A l’occasion de la 17e édition du SIAM, le ministre de l’Equipement et de l’eau, Nizar Baraka est revenu sur la vision de son ministère et les projets visant à répondre aux besoins du Royaume en eau potable et d’irrigation.

Nizar Baraka a rappelé, lors de son intervention, l’objectif exprimé par le Roi Mohammed VI de satisfaire 100% des besoins en eau potable et au moins 80% des besoins agricoles en eau d’irrigation, et ce même dans les conditions climatiques les plus difficiles.

Cette vision s’inscrit dans « une politique de gestion décentralisée » au niveau des bassins hydrauliques, permettant une prise de décision adaptée aux spécificités locales et intégrant pleinement la dimension régionale dans l’élaboration et la mise en œuvre des actions.

Développement des ressources en eau conventionnelles

La nouvelle politique de l’eau repose d’abord sur le développement des ressources en eau conventionnelles, à travers:

  • L’accélération de la construction de barrages de différentes tailles,
  • La collecte des eaux pluviales,
  • L’interconnexion des bassins hydrauliques,
  • La mobilisation durable des ressources en eaux souterraines,
  • Le dévasement des barrages existants.

Le Maroc dispose actuellement de 154 barrages grands et moyens, pour une capacité globale de 20 milliards de m³. À ce jour, 16 nouveaux barrages sont en construction, et trois autres sont programmés en 2025, avec pour objectif de porter cette capacité à 25 milliards de m³ à l’horizon 2030.

Accélération du recours aux ressources non conventionnelles

Face à la pression croissante sur les ressources hydriques, le Royaume a entrepris, selon le ministre, un virage stratégique vers les eaux non conventionnelles, notamment le dessalement de l’eau de mer. Le programme national vise à porter la production de 140 millions de m³ en 2022 à 1,7 milliard de m³ en 2030. Sur ce volume, 500 millions de m³ seront dédiés à l’irrigation, permettant de couvrir environ 100.000 hectares.

Parmi les principaux projets :

  • La station de dessalement de Dakhla, prévue pour fin 2025, produira 37 millions de m³/an, dont 30 millions pour irriguer 5.200 hectares.
  • La station de Casablanca, d’une capacité de 300 millions de m³, consacrera 50 millions à l’irrigation de 8.000 hectares.
  • La station de Tiznit (Souss-Massa) atteindra 350 millions de m³, destinés majoritairement à l’irrigation dans la région.

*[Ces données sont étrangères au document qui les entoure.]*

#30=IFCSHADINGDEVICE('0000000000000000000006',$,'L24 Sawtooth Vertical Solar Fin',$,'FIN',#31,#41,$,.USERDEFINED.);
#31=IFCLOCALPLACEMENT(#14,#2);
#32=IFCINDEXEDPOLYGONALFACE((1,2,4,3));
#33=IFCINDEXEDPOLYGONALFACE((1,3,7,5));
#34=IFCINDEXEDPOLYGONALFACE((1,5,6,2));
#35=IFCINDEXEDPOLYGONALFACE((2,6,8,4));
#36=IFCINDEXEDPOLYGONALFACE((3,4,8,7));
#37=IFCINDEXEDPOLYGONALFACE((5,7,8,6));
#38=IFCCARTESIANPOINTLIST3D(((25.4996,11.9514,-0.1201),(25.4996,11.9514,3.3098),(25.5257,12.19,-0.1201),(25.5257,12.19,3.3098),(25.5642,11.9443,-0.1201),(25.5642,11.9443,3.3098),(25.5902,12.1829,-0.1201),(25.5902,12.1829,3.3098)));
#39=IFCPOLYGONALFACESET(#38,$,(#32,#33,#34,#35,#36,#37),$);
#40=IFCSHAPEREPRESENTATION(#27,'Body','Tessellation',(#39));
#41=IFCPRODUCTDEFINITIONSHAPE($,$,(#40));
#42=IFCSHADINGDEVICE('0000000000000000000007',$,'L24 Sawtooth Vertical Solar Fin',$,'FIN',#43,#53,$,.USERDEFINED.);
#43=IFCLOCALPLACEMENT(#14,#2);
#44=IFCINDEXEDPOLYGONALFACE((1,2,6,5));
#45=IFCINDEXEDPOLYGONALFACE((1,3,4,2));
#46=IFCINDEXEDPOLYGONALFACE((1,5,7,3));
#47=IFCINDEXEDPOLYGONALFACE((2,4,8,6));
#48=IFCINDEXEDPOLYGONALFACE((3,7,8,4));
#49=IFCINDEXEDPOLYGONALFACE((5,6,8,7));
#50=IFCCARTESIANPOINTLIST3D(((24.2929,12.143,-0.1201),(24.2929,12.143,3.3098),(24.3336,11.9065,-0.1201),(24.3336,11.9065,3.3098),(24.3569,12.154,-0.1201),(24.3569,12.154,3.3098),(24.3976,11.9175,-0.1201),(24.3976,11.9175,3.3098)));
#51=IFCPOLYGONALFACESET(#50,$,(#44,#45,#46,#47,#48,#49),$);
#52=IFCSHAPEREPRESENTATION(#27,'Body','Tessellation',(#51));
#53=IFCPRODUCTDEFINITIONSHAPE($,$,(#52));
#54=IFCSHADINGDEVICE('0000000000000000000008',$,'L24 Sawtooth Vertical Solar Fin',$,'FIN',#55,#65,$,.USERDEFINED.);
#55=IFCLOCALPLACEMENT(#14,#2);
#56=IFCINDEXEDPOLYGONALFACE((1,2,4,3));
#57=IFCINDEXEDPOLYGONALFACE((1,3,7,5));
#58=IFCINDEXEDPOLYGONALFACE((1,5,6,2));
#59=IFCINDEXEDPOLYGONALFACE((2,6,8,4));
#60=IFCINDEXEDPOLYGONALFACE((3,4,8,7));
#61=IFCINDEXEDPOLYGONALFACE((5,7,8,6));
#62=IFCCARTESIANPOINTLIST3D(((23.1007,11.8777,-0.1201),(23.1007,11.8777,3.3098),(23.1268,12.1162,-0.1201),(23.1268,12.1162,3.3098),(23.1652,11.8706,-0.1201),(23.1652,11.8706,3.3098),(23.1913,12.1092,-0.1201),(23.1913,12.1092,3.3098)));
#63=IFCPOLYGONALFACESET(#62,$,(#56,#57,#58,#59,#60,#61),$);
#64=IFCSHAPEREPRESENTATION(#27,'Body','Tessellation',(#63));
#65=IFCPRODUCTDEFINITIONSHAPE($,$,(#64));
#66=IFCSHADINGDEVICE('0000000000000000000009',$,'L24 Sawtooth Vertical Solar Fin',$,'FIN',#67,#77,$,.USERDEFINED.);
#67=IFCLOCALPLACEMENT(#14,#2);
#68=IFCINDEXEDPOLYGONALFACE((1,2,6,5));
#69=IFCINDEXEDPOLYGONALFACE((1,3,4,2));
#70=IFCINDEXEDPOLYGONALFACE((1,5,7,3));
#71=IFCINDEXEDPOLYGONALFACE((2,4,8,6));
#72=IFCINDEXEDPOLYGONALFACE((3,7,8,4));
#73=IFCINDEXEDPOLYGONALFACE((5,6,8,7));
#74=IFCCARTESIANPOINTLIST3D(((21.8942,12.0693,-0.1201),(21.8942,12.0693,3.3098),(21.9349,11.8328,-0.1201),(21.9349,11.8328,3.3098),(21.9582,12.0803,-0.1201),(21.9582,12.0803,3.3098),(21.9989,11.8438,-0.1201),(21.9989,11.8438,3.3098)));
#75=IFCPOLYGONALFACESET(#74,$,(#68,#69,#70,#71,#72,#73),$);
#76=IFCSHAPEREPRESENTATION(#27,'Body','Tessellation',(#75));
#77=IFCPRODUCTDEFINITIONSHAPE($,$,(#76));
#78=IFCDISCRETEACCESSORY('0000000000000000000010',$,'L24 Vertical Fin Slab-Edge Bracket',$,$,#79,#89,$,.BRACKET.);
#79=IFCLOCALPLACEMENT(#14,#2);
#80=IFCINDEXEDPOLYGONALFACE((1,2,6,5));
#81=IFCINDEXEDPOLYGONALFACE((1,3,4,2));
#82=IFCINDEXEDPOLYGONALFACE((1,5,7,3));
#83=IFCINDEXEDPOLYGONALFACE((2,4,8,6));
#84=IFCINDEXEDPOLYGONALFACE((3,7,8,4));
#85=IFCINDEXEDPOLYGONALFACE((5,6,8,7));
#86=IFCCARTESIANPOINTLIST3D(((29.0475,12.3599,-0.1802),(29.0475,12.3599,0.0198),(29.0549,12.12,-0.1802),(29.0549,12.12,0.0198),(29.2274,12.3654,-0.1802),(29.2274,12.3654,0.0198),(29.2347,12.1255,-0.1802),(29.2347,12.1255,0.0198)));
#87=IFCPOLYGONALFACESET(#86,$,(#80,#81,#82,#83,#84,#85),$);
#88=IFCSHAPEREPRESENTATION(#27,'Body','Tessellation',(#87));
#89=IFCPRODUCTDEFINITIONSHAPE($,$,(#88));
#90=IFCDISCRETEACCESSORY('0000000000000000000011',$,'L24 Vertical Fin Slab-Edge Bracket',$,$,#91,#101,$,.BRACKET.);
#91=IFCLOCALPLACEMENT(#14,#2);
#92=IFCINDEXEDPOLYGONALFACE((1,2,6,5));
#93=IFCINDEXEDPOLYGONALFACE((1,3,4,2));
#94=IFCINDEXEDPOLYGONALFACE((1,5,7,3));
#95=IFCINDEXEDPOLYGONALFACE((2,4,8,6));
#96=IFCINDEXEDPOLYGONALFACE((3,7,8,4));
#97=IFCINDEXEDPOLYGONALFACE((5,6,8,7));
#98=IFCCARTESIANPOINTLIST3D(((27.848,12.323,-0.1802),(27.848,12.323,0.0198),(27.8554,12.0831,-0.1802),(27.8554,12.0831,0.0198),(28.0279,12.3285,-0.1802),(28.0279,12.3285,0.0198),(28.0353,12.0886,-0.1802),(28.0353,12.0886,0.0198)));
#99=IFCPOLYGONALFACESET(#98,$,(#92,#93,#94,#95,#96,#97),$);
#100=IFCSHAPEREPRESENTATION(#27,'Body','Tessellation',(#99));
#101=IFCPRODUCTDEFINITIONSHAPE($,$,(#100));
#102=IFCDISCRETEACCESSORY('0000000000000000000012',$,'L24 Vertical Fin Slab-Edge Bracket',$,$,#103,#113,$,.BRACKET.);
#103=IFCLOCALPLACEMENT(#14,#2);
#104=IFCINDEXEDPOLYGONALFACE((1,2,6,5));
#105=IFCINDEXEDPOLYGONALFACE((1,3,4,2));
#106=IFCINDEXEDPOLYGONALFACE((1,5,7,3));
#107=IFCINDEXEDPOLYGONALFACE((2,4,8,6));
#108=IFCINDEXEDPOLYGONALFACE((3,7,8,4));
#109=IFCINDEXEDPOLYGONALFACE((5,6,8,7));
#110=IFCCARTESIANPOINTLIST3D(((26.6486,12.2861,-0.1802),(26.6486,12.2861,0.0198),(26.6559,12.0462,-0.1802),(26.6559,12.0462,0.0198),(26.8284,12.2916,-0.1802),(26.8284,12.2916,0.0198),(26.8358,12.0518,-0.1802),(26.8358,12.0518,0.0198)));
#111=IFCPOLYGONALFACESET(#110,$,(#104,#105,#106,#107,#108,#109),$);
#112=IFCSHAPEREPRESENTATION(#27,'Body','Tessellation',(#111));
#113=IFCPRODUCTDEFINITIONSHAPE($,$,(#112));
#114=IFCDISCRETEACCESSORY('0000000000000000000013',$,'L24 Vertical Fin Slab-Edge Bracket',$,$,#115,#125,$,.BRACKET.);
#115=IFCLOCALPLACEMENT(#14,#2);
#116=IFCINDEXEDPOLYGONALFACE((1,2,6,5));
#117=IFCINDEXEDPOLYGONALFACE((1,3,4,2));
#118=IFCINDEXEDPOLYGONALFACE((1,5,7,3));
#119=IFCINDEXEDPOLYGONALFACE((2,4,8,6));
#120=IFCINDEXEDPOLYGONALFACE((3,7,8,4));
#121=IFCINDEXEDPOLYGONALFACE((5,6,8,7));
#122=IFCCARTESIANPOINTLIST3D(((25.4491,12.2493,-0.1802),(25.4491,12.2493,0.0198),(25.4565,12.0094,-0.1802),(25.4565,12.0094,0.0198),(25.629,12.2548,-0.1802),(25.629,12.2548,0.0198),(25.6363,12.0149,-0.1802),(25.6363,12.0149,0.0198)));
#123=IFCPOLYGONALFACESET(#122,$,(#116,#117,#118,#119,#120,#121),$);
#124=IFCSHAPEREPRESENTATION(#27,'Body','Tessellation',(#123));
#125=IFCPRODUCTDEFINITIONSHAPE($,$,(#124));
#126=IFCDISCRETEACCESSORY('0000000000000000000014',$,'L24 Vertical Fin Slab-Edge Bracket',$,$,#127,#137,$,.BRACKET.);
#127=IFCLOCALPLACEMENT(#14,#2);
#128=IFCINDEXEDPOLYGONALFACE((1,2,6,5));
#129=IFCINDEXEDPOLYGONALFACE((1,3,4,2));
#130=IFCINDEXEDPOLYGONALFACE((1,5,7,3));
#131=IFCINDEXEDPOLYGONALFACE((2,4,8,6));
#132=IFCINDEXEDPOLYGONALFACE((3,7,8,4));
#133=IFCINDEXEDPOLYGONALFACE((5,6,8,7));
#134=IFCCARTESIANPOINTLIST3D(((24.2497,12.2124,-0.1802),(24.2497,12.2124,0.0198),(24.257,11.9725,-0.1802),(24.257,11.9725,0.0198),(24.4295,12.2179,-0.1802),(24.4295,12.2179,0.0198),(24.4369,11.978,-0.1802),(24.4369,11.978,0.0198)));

Une considération essentielle concerne le principe de solidarité entre l’amont et l’aval. L’objectif est que l’eau issue des stations de dessalement d’eau de mer couvre les besoins des villes et centres côtiers ainsi que des zones agricoles à haute valeur ajoutée, tandis que les eaux de surface régulées par les barrages soient prioritairement réservées à l’approvisionnement des zones montagneuses, des régions rurales et des villes de l’intérieur.

« Dans ce cadre, il est par exemple prévu d’acheminer l’eau dessalée depuis Safi vers les villes de Marrakech et Benguerir, ou encore depuis El Jadida vers Khouribga« , a noté le ministre.

Doubler le volume des eaux usées traitées

Le Royaume compte doubler d’ici 2027 le volume des eaux usées traitées afin d’être réutilisées pour les espaces verts, la recharge des nappes phréatiques et l’irrigation des cultures arboricoles.

En parallèle, le gouvernement s’engage dans la gestion rationnelle de la demande en eau, via l’amélioration des rendements des réseaux de distribution d’eau potable et des systèmes d’irrigation, dans le cadre du Programme d’efficience hydrique.

L’exécutif mise également sur la sensibilisation des citoyens à l’importance de préserver les ressources hydriques, ainsi que sur l’élaboration de contrats sectoriels avec les acteurs de l’industrie, du tourisme et de l’agriculture pour une meilleure gestion de la ressource.

Enfin, dans le cadre de sa collaboration avec le ministère de l’Agriculture, le ministère de l’Équipement et de l’eau élabore un programme futur pour faire face aux effets du changement climatique, fondé sur :

  • Les plans régionaux d’aménagement hydraulique par bassin,
  • Les projections à l’horizon 2050, identifiant priorités agricoles et besoins futurs,
  • La garantie de 100% de couverture en eau potable et de 80% pour l’irrigation, quelles que soient les conditions climatiques.

Le ministre a conclu en rappelant les efforts entrepris dans le domaine de la recherche agronomique, visant à développer des variétés végétales plus résilientes au stress hydrique, tout en assurant une réduction de la consommation d’eau et une meilleure efficience hydrique au niveau national.